Today is Tuesday, 19th November 2024

"Lying is a very unethical thing…"

In the world of campaigns, specifically AG campaigns, lying, or simply getting ones facts wrong can be devastating to a candidate and his or her campaign.  One would think that a political campaign would go out of its way to make sure that the facts behind either their attacks, or the credentials they’re attempting to burnish, are dead on accurate.  Apparently, for at least two Democrat AG candidates in two different states, that’s just not the case.

Ohio Democrat AG nominee Senator Marc Dann has been forced to admit that both he and his campaign had lied (they said erred, but come on you don’t make mistakes like that at this level – that’s just trying to pull a fast one on the electorate) when it “asserted that opponent Betty D. Montgomery “carried and voted for” legislation that allowed the Bureau of Workers Compensation to invest in rare coins.”  This issue has been the lynch pin to Dann’s entire campaign.  It’s not good news for a guy hovering around 20% name ID with only $500,000 in the bank running against a well known, over 80% statewide name ID, statewide officeholder with $2.2 million in the bank and counting. 

Over in New York Democrat AG candidate front runner Andrew Cuomo is taking heat, apparently a second time, for vastly overstating statistics that “as federal housing secretary he dramatically increased anti-discrimination efforts and doubled fair housing “enforcement actions,” but a 2001 report by a federal disability-rights panel contradicts that claim.”  Sadly for Cuomo this isn’t the first time he’s tried to use these inflated numbers – he tried to pull the exact same thing early in his Gubernatorial run 4 years ago. 
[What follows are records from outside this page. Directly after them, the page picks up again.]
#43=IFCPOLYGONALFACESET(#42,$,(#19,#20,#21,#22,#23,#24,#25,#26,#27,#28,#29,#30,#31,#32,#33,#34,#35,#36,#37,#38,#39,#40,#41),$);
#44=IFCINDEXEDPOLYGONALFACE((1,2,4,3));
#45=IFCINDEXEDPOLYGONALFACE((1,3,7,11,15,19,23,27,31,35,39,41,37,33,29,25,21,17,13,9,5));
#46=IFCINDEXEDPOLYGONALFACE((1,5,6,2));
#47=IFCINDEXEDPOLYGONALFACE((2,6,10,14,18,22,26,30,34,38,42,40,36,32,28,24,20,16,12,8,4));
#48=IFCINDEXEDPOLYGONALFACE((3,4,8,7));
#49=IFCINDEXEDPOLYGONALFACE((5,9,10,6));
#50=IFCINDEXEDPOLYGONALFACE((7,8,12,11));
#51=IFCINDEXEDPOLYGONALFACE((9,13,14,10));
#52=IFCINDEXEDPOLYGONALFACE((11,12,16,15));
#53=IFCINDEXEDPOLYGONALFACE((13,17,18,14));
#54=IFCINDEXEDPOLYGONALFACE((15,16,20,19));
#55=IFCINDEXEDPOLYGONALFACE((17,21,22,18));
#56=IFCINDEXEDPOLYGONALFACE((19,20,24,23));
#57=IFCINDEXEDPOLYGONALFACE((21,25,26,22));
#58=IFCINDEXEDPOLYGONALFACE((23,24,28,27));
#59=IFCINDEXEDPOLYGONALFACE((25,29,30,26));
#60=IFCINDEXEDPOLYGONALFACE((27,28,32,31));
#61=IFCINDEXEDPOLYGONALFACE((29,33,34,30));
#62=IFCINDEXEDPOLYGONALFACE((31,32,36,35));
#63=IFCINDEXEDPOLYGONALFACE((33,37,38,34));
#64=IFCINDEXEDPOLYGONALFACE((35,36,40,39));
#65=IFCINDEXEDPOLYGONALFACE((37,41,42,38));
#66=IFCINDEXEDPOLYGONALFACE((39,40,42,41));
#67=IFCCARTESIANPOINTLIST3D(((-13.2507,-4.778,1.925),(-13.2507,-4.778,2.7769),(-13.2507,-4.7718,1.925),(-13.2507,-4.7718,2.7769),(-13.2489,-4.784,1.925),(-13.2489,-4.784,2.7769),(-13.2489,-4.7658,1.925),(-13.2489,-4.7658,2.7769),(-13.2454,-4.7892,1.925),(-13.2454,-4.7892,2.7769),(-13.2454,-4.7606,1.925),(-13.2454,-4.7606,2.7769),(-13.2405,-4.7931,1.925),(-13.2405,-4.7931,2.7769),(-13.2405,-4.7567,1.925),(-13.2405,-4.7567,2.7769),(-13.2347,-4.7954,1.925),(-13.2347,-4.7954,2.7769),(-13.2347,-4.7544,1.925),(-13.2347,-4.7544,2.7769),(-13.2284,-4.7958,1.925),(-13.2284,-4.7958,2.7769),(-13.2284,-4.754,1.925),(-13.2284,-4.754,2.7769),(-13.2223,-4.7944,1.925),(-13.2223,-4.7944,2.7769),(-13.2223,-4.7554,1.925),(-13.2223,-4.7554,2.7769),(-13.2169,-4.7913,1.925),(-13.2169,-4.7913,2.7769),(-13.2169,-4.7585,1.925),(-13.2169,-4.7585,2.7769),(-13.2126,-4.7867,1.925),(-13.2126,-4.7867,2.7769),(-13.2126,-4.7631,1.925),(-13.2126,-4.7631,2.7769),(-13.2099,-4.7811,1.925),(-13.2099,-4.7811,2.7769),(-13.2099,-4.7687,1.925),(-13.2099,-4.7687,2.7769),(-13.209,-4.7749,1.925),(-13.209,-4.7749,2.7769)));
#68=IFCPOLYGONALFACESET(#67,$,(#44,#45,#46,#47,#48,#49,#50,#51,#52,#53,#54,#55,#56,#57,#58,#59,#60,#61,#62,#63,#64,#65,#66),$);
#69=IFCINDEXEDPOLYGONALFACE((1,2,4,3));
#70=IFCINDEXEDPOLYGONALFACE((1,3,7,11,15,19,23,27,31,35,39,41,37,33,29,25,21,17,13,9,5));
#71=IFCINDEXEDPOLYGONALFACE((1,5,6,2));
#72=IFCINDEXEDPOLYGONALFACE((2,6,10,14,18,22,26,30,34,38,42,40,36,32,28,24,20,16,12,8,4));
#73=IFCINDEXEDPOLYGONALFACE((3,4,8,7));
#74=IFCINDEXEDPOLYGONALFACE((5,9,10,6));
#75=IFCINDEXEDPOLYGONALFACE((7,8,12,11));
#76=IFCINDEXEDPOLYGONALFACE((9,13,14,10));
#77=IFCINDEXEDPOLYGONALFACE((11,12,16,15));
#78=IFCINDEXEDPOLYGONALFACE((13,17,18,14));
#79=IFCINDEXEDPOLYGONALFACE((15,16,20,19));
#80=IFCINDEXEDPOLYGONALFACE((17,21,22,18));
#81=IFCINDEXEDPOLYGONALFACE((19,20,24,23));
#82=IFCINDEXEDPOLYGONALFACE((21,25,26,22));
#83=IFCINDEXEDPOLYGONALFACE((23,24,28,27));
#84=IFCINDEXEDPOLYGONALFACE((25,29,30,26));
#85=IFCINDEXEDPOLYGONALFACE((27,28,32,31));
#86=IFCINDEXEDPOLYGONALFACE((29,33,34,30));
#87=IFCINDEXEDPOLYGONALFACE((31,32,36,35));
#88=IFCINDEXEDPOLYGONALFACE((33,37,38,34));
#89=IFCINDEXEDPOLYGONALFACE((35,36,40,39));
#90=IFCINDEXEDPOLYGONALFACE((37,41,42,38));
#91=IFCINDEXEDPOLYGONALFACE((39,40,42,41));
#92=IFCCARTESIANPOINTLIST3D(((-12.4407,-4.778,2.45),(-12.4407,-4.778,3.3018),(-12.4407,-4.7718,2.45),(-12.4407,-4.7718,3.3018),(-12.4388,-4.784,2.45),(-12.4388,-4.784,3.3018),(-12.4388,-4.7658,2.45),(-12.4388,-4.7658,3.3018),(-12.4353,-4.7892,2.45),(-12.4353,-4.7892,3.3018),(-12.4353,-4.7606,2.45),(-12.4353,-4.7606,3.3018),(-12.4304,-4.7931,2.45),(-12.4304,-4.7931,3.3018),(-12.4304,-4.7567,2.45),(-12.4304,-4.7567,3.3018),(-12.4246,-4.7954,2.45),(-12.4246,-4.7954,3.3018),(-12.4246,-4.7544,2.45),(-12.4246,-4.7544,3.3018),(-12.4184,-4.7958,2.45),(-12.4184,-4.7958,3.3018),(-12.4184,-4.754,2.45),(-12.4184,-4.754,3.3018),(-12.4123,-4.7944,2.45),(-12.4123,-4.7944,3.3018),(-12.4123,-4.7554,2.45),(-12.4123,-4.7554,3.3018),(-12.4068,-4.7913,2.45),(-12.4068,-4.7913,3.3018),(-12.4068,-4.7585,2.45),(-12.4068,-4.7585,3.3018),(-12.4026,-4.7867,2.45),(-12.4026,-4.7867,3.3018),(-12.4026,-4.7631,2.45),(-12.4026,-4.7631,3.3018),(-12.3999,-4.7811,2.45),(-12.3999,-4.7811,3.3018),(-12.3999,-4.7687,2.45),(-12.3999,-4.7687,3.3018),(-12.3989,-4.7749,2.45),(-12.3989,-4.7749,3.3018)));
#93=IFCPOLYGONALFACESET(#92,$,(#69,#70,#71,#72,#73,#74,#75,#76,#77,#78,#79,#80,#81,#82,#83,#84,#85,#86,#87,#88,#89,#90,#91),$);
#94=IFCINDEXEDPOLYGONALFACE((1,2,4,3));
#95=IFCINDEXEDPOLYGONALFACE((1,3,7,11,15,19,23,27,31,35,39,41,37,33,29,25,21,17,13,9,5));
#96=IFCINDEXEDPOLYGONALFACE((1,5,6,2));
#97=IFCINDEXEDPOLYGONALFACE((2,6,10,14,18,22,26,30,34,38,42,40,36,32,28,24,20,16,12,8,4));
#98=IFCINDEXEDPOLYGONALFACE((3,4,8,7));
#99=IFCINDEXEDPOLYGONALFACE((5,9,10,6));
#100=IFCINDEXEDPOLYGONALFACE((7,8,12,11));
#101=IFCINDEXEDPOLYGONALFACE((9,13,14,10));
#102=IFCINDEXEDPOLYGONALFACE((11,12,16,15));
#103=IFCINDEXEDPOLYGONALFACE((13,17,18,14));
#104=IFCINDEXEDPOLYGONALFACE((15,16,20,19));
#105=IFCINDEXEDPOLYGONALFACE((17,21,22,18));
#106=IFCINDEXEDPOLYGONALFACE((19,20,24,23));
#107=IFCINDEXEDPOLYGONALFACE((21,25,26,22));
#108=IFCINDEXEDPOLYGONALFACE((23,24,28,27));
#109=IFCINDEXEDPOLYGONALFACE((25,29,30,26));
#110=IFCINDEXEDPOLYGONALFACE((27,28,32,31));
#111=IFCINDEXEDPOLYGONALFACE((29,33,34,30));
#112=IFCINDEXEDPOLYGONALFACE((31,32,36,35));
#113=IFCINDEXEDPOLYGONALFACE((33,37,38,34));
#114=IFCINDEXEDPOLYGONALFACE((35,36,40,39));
“Questions about Cuomo's “doubling” claim were first raised in a Newsday article in 2001, when he ran for governor. In 2002, the Citizens' Commission on Civil Rights, a Washington group that monitors civil rights policy, published a critical report on Cuomo's tenure that called the doubling claim “false.””

Andrew Cuomo is doing EVERYTHING he can to look like he has the resume to be New York’s top prosecutor – it’s telling that he’s playing the same tired card that burned him in his last run for statewide office in New York.  Don’t people like this have any other skills so they can avoid such desperate ploys?

What’s it all mean?  Both Dann’s and Cuomo’s predicaments are unique in their genesis, and the end results will be similar.  Both campaigns have now entered into a miserable place in their relationships with reporters who cover their races.  They get no freebies, everything they say will now be viewed through a prism of doubt for two reasons – first – no reporter wants to print easily verified lies – columnists – yes – reporters – no.  Second, as a result of the first, the sell for any future attacks by the campaign manager, spokesperson, whoever, will be a much heavier lift – the veracity of future hits will be doubted more than before, and as a result may not be picked up.  This is a testy area if you’re trying to push a story.

And you can’t forget your opponents and how they benefit here.  Anytime Dann or Cuomo go on the attack the first card their opponents get to play is the “remember what Andrew said about his HUD record”, or “come on, Dann couldn’t even figure out he was wrong on the coin story”.  That’s all insider baseball, externally both sets of opponents get headlines and messages to whack Dann and Cuomo with in the run up to Election Day – Cuomo has to deal with the hits twice – once in the 9/12 Dem primary, and a second time in November (if he wins) against Republican AG nominee Jeanine Pirro.

Oh, and if you’re wondering about the headline for this post – it was said to the Los Angeles Times in 1990 by a campaign operative named Marc Dann – yes, that Marc Dann.